The AC adapter not only has the 19.5 VDC but I used it to power up a laptop and it worked perfectly. So, I guess it's off the suspect list for now.

No life at all. No lights or beeps.

I tried wiggling the power jack but got no indication. I even plugged in another AC adapter from another computer and tried wiggling that around with no results.

You have a bunch of good ideas, but so far nothing has panned out.

Thanks, Jim


----------



## Techie19 (Feb 10, 2008)

So just to confirm, since you took possession of this computer, you have not actually used it? You've never had it powered on?

I would suspect the motherboard as the culprit then. You can try reseating the RAM. It wouldn't hurt to try as a last resort. Only thing is that from experience of working on an all in one system a while back, it was not a fun experience. Hope you get somewhere with reseating the RAM. I hope you didn't pay much for this unit. Good luck.


----------



## Bill_Bright (Dec 17, 2004)

> I only know that the lady said that it had been working normally and when she went to use it the next time, it just wouldn't power up.


Famous last words, huh? Like notebooks, the internal power jack on these things break easily. But unlike notebooks (mobile devices), with AiO computers they are not typically exposed to abuse. So unless she snagged the cable with her foot or something, it would seem odd the internal connection would be broken. But you cannot rule that out without a proper inspection. 

Another possibility is is a blown fusible link in there somewhere. But you have to disassemble the computer to get to it. And they are not always as simple as looking for a see-through fuse to see if it is blown. So a shop may be your best bet. They can inspect that internal power jack too, and that would be an easy, inexpensive fix. 

Replacing the fusible link would be easy too (once it is located and that is often where the most time and labor costs come in). The problem with that is fusible links are designed to blow when there is excessive current in the circuit. So the question becomes, where did the excessive current come from? Replacing the fusible link may result in a newly blown link once power is applied again. 

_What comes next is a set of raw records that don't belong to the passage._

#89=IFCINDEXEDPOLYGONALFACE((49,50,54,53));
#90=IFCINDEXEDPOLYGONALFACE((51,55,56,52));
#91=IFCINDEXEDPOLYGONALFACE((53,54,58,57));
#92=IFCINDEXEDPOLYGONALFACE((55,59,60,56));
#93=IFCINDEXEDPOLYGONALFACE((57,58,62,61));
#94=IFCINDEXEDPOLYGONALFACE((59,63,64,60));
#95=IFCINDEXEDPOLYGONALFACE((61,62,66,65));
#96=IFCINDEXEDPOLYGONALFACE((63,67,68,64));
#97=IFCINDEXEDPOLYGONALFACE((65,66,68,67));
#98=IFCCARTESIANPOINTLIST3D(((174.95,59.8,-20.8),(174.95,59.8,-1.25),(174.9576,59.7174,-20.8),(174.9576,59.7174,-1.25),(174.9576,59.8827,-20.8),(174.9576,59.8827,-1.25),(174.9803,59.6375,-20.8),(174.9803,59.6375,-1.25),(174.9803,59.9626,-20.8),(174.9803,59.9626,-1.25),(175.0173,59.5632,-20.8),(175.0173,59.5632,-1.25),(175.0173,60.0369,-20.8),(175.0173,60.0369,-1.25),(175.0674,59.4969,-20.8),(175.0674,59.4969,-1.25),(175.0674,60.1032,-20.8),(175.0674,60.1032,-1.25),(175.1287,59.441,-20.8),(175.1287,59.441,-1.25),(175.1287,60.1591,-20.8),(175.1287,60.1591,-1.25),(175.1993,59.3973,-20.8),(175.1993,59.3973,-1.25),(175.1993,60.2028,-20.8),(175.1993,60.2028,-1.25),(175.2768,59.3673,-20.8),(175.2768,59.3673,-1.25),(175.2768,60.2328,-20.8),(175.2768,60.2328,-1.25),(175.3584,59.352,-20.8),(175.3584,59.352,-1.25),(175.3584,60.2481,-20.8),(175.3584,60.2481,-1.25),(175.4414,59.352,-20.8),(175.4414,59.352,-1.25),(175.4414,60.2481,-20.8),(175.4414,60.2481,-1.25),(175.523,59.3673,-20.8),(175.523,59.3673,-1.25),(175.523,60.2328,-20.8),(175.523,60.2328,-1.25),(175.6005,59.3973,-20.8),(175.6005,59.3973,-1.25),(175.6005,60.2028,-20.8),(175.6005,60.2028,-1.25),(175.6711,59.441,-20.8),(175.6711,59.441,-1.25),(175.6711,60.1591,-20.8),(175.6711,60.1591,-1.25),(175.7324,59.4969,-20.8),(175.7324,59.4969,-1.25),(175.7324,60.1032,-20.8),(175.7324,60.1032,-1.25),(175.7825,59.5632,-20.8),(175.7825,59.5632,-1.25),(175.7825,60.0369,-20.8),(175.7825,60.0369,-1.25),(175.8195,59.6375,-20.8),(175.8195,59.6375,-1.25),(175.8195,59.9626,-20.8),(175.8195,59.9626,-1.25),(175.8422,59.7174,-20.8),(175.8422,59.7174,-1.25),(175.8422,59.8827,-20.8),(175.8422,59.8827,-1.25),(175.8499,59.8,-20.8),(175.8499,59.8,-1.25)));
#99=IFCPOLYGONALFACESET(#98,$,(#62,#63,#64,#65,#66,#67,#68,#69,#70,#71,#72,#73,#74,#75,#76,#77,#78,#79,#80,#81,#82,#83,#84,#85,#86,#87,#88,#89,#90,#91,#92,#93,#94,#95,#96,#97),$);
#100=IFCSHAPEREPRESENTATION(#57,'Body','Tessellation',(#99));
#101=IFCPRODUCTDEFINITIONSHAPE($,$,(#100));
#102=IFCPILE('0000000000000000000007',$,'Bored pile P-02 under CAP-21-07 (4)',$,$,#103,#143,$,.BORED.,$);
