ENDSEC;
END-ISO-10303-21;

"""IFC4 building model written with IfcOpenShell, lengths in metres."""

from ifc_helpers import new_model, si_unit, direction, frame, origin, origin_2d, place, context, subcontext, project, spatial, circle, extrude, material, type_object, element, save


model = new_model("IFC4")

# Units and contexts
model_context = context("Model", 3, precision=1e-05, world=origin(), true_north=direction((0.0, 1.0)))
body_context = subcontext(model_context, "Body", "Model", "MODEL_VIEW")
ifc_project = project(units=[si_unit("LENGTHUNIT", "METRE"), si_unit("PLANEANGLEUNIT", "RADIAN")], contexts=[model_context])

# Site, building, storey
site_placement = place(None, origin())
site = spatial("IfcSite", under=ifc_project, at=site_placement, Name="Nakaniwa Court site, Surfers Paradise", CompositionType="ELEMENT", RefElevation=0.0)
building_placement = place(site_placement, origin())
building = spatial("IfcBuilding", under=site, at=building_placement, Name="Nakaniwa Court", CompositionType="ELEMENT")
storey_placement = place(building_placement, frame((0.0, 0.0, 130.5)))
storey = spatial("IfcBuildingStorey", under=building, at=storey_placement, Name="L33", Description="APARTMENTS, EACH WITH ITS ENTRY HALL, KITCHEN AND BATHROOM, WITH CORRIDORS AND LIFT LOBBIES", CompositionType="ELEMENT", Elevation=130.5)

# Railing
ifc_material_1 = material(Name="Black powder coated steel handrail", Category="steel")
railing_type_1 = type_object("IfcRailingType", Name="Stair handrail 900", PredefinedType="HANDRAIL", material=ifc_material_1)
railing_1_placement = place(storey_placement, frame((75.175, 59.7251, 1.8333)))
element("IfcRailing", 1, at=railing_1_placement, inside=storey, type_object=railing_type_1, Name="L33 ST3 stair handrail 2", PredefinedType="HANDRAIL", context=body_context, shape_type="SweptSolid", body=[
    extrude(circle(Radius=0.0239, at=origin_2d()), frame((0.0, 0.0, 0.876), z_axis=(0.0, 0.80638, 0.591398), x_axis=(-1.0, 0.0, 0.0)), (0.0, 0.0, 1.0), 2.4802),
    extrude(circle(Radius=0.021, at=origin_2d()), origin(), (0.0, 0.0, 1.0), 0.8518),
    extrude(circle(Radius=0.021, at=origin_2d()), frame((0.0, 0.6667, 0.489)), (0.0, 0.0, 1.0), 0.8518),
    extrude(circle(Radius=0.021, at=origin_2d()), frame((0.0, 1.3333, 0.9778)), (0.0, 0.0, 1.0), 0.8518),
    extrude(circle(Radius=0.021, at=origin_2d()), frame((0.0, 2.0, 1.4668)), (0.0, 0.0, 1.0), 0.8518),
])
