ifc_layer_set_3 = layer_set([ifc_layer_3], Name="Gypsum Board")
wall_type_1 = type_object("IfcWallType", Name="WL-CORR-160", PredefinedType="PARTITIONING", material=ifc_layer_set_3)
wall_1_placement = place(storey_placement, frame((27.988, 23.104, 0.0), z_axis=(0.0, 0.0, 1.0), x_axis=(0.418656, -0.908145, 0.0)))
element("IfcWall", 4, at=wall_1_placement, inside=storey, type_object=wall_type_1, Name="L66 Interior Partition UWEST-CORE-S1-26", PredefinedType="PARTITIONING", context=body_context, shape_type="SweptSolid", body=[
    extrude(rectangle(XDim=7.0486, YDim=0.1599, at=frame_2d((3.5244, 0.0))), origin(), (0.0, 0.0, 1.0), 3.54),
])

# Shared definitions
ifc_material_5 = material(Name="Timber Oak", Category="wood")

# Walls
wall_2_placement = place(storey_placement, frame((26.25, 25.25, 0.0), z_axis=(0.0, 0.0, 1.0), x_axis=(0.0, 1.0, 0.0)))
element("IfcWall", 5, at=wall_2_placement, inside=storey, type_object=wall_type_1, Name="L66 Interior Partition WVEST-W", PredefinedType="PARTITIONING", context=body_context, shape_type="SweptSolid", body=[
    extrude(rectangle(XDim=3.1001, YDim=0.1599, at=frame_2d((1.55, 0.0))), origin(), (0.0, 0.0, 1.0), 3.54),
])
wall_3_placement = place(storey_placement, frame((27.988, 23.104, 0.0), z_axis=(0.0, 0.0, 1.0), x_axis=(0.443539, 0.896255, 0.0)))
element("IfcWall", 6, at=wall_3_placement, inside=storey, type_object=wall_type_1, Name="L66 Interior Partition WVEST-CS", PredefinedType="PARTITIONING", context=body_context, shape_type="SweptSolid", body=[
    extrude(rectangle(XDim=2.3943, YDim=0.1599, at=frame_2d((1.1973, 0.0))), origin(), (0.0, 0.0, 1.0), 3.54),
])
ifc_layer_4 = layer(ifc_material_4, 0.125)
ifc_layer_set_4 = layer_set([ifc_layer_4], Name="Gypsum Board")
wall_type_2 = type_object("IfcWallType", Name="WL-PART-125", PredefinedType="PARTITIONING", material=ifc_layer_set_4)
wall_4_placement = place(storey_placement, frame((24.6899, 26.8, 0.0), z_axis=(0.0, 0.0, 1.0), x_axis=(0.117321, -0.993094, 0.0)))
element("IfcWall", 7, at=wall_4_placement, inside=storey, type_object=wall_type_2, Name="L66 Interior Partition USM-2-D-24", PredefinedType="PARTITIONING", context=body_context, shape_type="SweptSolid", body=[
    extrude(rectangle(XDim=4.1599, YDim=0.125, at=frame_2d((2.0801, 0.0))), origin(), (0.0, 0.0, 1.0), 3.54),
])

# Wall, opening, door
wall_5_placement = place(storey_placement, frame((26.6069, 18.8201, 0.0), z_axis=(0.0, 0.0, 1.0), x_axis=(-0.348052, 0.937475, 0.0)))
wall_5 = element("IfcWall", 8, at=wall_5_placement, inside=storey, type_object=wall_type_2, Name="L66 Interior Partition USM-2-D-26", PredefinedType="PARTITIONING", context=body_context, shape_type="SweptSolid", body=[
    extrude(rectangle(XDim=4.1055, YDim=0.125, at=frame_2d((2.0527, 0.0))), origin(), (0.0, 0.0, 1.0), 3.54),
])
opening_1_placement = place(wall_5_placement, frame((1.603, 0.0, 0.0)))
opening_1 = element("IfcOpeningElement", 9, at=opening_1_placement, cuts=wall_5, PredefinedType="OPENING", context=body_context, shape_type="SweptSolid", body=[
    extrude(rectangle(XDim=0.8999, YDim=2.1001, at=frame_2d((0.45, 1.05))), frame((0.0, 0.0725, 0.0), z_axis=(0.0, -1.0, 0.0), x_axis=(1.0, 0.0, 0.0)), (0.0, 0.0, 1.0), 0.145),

Or, it could mean when she snagged the power cord breaking the connector, wires shorted and excessive current was sent through the link - until the fuse blew. Fixing the connector fixes the excessive current problem. 

But if unlucky, it was some other component that failed, putting a short in the circuit causing excessive current. And that would require additional and costly troubleshooting time. 

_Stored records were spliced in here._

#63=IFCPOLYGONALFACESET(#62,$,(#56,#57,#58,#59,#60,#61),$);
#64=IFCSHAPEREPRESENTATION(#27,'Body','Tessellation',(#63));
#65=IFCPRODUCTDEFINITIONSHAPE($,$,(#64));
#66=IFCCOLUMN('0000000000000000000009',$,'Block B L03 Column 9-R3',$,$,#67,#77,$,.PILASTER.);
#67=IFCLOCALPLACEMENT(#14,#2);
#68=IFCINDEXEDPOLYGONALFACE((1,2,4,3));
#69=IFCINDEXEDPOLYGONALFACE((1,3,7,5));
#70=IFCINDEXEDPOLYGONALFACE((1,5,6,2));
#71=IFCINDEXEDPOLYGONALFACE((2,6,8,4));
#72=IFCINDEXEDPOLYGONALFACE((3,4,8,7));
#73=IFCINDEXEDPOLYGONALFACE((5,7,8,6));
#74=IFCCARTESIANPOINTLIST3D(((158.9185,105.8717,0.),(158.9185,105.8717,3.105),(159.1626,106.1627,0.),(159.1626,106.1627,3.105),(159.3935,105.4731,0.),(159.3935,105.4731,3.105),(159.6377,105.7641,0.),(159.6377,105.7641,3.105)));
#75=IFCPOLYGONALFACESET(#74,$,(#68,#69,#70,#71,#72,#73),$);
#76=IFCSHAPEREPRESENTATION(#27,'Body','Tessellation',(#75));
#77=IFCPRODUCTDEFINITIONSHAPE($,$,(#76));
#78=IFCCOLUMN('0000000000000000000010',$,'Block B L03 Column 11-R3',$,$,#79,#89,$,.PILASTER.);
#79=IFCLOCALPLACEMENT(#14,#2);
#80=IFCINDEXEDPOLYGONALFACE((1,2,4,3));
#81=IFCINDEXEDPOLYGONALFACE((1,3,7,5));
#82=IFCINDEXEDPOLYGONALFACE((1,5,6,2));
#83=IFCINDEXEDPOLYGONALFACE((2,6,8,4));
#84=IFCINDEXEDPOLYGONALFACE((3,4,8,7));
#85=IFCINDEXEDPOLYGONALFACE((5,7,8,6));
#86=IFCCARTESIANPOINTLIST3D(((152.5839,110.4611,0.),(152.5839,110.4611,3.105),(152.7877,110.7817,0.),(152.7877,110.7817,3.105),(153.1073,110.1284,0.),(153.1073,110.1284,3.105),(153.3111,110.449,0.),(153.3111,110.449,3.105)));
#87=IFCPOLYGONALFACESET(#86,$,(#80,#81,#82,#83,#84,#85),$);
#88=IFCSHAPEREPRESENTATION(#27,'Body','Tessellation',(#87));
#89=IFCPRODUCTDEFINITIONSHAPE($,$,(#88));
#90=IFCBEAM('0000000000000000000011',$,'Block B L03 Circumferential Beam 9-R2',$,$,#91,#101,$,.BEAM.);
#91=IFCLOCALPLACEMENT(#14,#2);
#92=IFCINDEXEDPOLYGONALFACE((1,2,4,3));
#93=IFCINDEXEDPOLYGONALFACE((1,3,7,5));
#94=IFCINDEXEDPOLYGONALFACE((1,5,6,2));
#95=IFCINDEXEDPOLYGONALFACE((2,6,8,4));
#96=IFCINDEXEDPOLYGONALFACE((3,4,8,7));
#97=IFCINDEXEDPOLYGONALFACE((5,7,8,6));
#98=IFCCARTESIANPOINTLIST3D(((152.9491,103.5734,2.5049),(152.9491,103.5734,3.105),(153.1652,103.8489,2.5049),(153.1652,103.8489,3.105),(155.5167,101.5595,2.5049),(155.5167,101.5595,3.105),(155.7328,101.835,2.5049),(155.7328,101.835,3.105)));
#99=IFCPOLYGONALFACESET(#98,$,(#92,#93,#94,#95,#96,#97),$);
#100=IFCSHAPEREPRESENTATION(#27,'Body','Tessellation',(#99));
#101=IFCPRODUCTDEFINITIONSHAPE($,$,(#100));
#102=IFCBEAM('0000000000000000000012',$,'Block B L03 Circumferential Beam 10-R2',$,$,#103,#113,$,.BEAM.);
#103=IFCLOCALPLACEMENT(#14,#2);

When it comes to electronics repair, it is typically simple to do the actual repair. Troubleshooting to find the faulty component is what takes the time, expertise/training, expensive test equipment and tools. 

Before giving up hope, I would also look on the back of the computer and if you are very lucky, there could just be a master power switch that accidently got flipped to the off position.


----------



## okrobie (Aug 27, 2011)

Techie19 said:


> So just to confirm, since you took possession of this computer, you have not actually used it? You've never had it powered on?
> 
> I would suspect the motherboard as the culprit then. You can try reseating the RAM. It wouldn't hurt to try as a last resort. Only thing is that from experience of working on an all in one system a while back, it was not a fun experience. Hope you get somewhere with reseating the RAM. I hope you didn't pay much for this unit. Good luck.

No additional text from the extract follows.